Oh dear God. Again, he’d encountered this kind of thing, self-loathing turned to near madness, in closeted gay men before. They were the type who made hating fags a religion, who went out on Saturday nights looking for queers to beat up, who showed up at funerals of AIDS patients to harangue their relatives, and all the while, inside, they were really beating themselves up; they were trying to burn out the thing they most hated about themselves, even though they refused to admit it. Mia had taken loathing her disease to a level of madness; she loathed herself and everyone who had the disease, and she wanted them all dead. She was the perfect foil for Humanity First, as there was no traitor like an insider. That meant she was using Eli, didn’t it? She only started dating him to get into his inner circle. Or had Eli’s hypocrisy pushed her over the edge? He wouldn’t blame her if it did. “What’s the limit of those protections, Mia?
We’re infected, but we’re still people too—”

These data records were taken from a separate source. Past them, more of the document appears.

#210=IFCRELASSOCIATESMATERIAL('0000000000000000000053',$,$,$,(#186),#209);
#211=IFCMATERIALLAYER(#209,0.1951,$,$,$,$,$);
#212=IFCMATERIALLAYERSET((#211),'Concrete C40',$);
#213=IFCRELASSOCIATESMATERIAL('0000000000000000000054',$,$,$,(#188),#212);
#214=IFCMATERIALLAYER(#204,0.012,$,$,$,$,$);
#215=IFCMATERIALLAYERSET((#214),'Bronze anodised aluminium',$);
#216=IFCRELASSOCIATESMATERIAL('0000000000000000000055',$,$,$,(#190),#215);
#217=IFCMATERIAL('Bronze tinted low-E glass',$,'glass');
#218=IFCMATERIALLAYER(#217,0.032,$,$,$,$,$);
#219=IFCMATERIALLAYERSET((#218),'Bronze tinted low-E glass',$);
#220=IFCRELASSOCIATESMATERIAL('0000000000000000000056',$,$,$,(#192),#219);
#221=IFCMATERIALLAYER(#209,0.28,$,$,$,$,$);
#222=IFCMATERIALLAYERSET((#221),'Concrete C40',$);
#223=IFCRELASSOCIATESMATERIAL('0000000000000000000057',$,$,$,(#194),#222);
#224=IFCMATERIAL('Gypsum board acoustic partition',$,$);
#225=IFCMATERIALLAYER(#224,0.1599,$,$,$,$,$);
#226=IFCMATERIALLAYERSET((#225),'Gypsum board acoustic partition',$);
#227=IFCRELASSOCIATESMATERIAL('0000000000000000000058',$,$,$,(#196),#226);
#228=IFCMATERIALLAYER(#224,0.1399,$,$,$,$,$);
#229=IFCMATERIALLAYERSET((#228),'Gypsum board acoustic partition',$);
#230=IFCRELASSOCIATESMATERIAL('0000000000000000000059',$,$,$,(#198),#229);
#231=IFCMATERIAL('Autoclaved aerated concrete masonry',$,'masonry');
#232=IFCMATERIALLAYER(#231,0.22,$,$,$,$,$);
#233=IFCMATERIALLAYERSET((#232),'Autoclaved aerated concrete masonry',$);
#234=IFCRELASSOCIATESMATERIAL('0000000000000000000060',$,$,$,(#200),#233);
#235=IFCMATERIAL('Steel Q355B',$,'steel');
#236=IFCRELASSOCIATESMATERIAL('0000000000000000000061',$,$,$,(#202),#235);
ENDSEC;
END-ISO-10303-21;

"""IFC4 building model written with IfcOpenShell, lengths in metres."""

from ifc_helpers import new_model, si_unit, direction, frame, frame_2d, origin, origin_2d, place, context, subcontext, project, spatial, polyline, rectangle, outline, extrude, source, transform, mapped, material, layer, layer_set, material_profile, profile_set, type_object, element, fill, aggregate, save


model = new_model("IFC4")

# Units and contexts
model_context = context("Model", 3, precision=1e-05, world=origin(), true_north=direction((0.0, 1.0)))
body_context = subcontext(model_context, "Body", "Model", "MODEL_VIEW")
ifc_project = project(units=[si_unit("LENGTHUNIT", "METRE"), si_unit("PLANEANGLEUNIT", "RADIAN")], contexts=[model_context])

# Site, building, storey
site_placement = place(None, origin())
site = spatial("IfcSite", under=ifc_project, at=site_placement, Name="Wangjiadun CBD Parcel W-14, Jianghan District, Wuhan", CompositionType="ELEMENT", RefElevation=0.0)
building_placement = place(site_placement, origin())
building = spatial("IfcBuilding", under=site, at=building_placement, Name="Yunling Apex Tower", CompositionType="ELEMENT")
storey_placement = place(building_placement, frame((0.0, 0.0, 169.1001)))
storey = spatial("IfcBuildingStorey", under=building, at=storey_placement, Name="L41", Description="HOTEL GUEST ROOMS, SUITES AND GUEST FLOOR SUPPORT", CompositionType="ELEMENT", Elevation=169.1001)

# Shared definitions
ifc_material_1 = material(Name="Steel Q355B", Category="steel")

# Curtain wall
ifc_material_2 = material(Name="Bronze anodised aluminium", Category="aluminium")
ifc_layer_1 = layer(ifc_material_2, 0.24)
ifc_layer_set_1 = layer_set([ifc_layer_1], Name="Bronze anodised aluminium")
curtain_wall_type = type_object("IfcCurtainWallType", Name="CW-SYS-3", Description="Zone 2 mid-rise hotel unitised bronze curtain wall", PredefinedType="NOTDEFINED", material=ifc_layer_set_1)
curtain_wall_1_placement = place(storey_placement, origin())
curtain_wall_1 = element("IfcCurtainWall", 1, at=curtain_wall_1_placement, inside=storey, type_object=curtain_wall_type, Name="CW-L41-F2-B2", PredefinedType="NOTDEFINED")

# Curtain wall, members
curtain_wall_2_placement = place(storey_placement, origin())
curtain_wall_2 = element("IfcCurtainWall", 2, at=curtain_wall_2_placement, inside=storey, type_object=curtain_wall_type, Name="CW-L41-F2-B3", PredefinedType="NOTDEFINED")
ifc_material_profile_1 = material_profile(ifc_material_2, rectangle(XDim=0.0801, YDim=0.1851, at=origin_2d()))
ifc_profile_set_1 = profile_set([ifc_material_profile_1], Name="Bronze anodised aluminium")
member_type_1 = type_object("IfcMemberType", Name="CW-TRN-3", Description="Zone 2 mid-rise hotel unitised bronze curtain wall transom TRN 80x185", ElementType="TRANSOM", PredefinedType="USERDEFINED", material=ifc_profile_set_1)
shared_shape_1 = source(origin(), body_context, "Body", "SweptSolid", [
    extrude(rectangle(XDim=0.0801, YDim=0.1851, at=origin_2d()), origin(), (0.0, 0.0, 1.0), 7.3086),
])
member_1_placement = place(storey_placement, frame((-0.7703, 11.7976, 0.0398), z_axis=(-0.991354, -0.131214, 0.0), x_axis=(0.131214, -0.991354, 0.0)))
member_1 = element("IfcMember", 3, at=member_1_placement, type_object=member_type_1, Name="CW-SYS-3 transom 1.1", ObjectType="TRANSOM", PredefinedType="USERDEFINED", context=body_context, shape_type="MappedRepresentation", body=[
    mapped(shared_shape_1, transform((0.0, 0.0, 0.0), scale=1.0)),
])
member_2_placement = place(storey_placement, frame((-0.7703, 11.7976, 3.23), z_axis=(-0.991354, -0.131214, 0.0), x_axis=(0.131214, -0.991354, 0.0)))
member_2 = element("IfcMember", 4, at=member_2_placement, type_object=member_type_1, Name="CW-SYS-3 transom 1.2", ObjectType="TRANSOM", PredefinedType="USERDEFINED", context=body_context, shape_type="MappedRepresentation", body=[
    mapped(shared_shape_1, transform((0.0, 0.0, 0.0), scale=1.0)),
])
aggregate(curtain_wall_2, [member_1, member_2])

“Fuck you!” she exploded, spittle flying, anger twisting her face into something truly ugly and frightening. The light in her eyes was hard and messianic, so far beyond sanity she couldn’t even see it from here. “You just said you can smell lies, asshole! How normal is that? How
human
is that? It isn’t, is it?! And you were shot! I heard you were shot! And yet here you are, looking just fine to me. You’re worse than most—you weren’t even born human! You’ve been inhuman since day one.”